An oldie, but a goodie: Value Added Tax Implications of Bauhuis Coating International Limited v The Board of Inland Revenue

Background

Construction projects can be very expensive. Moreover, they often involve a number of specialist technical service providers, some of whom may not be resident in Trinidad and Tobago (“T&T”), and will not be registered for Value Added Tax (“VAT”).

For unregistered recipients of vatable services, VAT represents a 12.5% uplift on the overall cost of the Project. But make no mistake: registered receipts of vatable services are also affected by upfront VAT costs. Specifically, not only must such costs be financed, which naturally affects cash flow over the course of the project, but the prudent finance manager is cognizant of the deleterious impact of the time value of money 1 (i.e. that between the date the VAT expense is incurred, and the date a refund of overpaid VAT is received from the Board of Inland Revenue (the “Revenue”), the real value of the money to be refunded will have depreciated).

Tax Planning

Against the background that VAT is a real cost, multinationals seeking to do business in the region will be wise to consider whether opportunities exist to mitigate their exposure to VAT.

In T&T, the VAT Act is replete with opportunities for multi-nationals to limit exposure to VAT. One such provision is Section 12 of the 2nd Schedule of the VAT Act, Chap. 75:06 (the “VAT Act”), which provides as follows:

 “12.  Any services which are supplied for a consideration that is payable in a currency other than that of Trinidad and Tobago, to a recipient who is not within Trinidad and Tobago at the time when the services are performed.” [Emphasis Added]

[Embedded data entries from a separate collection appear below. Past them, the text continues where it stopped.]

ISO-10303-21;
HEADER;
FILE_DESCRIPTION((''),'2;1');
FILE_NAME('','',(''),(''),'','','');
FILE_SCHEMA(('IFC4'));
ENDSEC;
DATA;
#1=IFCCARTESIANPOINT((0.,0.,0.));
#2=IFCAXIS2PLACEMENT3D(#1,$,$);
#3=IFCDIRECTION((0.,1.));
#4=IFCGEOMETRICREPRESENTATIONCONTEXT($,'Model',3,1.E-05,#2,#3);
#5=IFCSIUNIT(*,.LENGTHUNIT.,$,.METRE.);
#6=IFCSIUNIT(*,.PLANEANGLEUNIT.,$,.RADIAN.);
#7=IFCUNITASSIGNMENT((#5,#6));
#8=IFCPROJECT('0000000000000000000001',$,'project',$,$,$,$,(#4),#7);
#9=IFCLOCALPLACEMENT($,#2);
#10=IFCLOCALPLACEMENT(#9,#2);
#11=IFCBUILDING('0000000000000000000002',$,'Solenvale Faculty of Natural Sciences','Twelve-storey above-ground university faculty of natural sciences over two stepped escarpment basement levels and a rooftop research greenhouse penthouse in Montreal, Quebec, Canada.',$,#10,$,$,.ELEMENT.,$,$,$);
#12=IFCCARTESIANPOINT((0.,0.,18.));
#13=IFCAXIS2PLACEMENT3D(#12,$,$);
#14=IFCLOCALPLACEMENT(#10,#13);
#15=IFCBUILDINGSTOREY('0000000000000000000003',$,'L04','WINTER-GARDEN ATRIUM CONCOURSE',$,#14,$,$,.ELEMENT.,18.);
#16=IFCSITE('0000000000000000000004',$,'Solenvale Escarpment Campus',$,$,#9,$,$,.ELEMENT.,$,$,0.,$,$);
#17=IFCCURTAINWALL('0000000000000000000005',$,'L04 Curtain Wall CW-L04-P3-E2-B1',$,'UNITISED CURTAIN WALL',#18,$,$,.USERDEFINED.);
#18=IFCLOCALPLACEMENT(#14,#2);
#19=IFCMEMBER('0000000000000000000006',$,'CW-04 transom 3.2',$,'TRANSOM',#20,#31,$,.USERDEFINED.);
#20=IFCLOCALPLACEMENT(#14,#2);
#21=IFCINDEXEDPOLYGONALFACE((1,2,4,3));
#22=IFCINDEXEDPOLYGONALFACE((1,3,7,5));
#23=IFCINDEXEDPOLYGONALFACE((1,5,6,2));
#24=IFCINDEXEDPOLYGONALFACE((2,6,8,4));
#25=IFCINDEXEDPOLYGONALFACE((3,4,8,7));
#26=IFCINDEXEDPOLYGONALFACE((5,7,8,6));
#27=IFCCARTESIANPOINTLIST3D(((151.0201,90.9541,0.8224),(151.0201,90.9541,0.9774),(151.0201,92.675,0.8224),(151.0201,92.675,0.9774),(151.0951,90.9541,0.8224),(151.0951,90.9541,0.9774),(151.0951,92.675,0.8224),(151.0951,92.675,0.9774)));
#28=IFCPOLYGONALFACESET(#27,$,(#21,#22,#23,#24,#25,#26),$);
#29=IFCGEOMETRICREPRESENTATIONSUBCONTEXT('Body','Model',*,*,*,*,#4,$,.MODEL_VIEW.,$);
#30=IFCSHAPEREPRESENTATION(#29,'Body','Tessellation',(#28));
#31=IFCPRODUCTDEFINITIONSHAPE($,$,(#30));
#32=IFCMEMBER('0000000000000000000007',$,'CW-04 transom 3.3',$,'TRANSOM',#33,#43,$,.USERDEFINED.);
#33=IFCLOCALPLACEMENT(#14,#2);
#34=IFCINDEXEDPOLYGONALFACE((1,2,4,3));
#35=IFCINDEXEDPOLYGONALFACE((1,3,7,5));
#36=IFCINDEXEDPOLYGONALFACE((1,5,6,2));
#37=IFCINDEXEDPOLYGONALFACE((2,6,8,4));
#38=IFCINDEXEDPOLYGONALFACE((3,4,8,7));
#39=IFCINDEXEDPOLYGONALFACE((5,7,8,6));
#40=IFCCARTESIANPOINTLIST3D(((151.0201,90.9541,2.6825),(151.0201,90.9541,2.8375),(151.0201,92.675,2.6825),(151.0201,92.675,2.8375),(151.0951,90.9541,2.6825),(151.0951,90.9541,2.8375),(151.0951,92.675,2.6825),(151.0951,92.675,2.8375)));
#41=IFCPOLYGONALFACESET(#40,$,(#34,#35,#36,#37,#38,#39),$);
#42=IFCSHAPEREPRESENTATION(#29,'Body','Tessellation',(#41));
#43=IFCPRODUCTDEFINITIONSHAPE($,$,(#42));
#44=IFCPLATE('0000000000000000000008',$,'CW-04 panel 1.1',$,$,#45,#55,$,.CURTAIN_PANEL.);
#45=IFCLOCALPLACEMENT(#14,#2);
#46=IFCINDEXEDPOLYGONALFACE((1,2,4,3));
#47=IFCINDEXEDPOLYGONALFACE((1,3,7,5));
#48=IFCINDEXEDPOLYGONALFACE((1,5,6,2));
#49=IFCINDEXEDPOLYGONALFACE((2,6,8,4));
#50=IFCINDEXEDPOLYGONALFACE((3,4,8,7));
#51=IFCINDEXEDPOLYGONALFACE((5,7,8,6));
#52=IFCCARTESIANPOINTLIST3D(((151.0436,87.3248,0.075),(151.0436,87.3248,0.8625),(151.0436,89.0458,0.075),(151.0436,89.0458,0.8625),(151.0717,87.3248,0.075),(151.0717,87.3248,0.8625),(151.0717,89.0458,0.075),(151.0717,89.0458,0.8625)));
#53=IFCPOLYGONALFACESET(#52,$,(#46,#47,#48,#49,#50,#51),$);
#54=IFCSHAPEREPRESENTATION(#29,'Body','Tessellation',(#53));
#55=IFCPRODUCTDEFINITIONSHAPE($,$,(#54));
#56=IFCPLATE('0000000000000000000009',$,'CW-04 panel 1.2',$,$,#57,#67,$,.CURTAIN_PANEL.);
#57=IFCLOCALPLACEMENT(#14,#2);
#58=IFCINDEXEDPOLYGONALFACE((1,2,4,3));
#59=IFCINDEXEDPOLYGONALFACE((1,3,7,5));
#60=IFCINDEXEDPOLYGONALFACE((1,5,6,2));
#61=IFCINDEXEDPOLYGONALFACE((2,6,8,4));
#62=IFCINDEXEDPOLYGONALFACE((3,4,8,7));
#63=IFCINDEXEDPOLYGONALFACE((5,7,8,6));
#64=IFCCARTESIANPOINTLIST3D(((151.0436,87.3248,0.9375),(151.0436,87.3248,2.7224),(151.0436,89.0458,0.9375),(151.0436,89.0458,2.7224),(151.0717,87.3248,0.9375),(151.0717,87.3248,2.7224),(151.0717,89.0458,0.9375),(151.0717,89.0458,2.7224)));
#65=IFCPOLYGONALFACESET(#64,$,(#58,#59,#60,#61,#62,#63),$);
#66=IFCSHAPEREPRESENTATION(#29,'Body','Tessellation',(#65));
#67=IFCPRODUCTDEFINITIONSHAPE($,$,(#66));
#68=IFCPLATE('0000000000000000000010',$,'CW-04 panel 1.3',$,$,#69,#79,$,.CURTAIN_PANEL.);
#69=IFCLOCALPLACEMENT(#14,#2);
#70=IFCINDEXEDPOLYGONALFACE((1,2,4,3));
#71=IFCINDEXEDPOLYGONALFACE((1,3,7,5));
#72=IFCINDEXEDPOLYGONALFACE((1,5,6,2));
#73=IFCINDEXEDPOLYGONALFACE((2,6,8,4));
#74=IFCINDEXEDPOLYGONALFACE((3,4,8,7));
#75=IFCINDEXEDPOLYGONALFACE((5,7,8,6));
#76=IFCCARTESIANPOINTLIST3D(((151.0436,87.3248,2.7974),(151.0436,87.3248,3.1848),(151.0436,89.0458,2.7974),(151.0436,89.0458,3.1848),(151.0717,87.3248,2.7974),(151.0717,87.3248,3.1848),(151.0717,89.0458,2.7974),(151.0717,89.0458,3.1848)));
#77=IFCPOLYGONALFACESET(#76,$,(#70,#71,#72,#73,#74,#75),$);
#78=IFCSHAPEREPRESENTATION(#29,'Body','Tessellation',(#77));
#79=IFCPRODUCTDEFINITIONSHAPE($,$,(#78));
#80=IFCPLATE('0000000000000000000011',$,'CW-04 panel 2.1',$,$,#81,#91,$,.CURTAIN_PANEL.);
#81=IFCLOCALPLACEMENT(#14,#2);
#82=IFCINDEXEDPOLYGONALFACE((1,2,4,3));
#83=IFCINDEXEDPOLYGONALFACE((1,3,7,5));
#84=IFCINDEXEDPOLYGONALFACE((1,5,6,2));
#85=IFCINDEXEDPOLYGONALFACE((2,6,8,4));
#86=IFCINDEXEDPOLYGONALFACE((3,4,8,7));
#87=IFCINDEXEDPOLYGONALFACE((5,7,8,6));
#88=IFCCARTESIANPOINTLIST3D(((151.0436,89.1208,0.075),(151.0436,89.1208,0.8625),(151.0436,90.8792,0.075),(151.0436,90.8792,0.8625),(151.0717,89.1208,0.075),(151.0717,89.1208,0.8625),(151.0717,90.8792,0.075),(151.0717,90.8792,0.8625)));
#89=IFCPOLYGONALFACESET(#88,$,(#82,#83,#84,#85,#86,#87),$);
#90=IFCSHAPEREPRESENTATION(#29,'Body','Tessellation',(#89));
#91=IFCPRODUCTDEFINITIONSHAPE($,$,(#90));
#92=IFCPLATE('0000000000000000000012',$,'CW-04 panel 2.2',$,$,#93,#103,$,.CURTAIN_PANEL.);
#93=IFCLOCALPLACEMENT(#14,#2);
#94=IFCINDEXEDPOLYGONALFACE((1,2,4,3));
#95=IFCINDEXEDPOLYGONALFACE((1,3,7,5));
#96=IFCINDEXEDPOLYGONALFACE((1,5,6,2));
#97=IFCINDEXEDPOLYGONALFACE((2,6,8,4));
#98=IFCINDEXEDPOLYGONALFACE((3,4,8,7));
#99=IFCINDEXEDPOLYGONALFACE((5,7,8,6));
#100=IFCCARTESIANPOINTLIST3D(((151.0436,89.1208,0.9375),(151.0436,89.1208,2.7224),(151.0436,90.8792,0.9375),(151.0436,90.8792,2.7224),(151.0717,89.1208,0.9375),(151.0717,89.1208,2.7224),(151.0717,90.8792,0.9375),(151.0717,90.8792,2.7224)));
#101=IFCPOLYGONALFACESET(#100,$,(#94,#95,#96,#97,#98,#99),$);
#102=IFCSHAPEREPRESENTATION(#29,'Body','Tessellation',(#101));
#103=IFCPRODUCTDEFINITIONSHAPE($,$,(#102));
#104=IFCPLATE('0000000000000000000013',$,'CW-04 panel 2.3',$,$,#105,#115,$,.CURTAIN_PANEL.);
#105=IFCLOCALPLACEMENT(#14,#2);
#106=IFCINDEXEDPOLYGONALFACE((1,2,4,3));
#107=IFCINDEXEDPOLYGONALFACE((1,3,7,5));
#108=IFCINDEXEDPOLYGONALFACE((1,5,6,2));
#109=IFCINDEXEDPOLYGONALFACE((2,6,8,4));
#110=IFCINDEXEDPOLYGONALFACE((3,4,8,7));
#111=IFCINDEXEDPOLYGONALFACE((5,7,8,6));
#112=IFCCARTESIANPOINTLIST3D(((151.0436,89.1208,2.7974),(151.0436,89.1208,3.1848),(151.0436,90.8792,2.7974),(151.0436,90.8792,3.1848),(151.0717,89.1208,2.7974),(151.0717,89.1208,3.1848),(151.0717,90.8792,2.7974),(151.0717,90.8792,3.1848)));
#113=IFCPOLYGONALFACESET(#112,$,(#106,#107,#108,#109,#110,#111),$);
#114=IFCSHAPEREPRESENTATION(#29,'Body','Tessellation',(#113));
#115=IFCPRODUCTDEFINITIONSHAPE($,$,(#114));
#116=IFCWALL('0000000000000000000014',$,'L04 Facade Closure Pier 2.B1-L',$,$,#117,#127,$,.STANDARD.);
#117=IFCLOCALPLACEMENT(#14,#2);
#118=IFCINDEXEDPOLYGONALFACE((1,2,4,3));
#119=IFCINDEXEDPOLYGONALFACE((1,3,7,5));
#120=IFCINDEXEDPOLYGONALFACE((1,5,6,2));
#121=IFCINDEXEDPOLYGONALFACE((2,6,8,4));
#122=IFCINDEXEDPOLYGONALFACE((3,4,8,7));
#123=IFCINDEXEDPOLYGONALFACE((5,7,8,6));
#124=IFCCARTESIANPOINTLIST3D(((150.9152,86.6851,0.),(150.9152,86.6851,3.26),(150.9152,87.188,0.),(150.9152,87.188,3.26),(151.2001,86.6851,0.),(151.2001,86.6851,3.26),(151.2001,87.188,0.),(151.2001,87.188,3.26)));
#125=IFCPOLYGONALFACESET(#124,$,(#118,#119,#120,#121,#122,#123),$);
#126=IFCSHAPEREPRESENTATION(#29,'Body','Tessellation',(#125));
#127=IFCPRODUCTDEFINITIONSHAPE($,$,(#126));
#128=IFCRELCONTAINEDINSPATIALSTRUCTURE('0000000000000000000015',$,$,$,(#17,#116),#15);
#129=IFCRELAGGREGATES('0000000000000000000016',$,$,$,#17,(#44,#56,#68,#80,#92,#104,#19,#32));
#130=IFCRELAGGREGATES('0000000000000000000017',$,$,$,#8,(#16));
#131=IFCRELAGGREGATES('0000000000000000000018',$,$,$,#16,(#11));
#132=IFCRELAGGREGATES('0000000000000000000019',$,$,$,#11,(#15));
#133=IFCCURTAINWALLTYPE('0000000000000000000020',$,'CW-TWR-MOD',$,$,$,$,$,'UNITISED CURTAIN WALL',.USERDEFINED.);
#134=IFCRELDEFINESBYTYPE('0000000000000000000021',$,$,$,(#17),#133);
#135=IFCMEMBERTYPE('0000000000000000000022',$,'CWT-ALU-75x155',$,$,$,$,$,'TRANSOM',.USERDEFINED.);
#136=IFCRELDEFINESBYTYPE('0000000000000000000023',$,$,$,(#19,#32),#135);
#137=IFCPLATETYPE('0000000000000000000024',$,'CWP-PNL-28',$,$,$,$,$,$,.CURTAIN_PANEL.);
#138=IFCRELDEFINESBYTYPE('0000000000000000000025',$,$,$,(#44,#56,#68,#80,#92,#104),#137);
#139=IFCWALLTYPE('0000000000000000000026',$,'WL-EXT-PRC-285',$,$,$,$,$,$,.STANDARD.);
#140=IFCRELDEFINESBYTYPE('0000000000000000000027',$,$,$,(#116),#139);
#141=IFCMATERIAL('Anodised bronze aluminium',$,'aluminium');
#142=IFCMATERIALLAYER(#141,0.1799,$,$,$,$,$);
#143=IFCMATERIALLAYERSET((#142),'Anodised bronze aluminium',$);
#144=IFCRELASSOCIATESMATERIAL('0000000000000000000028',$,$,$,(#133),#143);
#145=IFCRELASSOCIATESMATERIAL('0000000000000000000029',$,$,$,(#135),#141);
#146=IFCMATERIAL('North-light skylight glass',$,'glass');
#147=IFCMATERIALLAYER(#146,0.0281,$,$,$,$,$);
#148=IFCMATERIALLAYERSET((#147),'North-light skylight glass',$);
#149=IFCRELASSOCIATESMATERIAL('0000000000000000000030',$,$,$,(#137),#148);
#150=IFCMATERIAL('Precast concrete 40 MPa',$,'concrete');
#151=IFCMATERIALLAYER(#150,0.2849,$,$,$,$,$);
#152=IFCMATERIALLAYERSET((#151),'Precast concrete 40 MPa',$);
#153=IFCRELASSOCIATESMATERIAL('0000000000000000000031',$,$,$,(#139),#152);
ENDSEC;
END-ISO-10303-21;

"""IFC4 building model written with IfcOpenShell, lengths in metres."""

from ifc_helpers import new_model, si_unit, direction, frame, frame_2d, origin, origin_2d, place, context, subcontext, project, spatial, rectangle, extrude, material, layer, layer_set, material_profile, profile_set, type_object, element, aggregate, save


model = new_model("IFC4")

# Units and contexts
model_context = context("Model", 3, precision=1e-05, world=origin(), true_north=direction((0.0, 1.0)))
body_context = subcontext(model_context, "Body", "Model", "MODEL_VIEW")
ifc_project = project(units=[si_unit("LENGTHUNIT", "METRE"), si_unit("PLANEANGLEUNIT", "RADIAN")], contexts=[model_context])

# Site, building, storey
site_placement = place(None, origin())
site = spatial("IfcSite", under=ifc_project, at=site_placement, Name="Solenvale Escarpment Campus", CompositionType="ELEMENT", RefElevation=0.0)
building_placement = place(site_placement, origin())
building = spatial("IfcBuilding", under=site, at=building_placement, Name="Solenvale Faculty of Natural Sciences", Description="Twelve-storey above-ground university faculty of natural sciences over two stepped escarpment basement levels and a rooftop research greenhouse penthouse in Montreal, Quebec, Canada.", CompositionType="ELEMENT")
storey_placement = place(building_placement, frame((0.0, 0.0, 18.0)))
storey = spatial("IfcBuildingStorey", under=building, at=storey_placement, Name="L04", Description="WINTER-GARDEN ATRIUM CONCOURSE", CompositionType="ELEMENT", Elevation=18.0)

A supply of services falling within Item 12 is zero-rated, and is therefore not chargeable to VAT. The scope of this provision has been considered by the Court of Appeal in Bauhuis Coating International Limited v The Board of Inland Revenue, Civil Appeal No. 187 of 2011 (“Bauhuis”).

The material issue in Bauhuis was whether, in certain circumstances, commercial supplies made by a VAT registrant in T&T for the ultimate benefit of a person who is also within T&T, may nonetheless classify as a zero-rated transaction for the purposes of Item 12 of Schedule 2 of the VAT Act. The “certain circumstances” being the interposition of non-resident persons between the ultimate service provider and ultimate beneficiary in a supply chain of sub-contracted services.

The material facts of Bauhuis are as follows:

British Gas Trinidad and Tobago Limited (“BGTT”), a company resident in T&T, entered into a master contract with Allseas Marine Contractors S.A. Switzerland (“AS”), a company resident in Switzerland, for the procurement (“P”) and installation (“I”) of pipelines in T&T.

AS thereafter contracted with Bauhuis Coating Limited (“BCL”), a Cyprus resident company, to coat (“C”) the pipelines. BCL then subcontracted this responsibility to its wholly owned subsidiary, Bauhuis Coating International Limited (“BCIL”), which was resident in T&T. BCIL thereafter physically executed the pipe coating services within Trinidad in accordance with the contract (the said contract) with their parent Company BCL.

Chart of Service Supply Chain:

BCIL regarded all its commercial supplies performed under the said contract as zero-rated under Item 12 of Schedule 2 of the VAT Act because, pursuant to its contract, it provided services  (i) to BCL who was not within T&T at the time of the supply; and (ii) for a consideration that was payable in United States dollars.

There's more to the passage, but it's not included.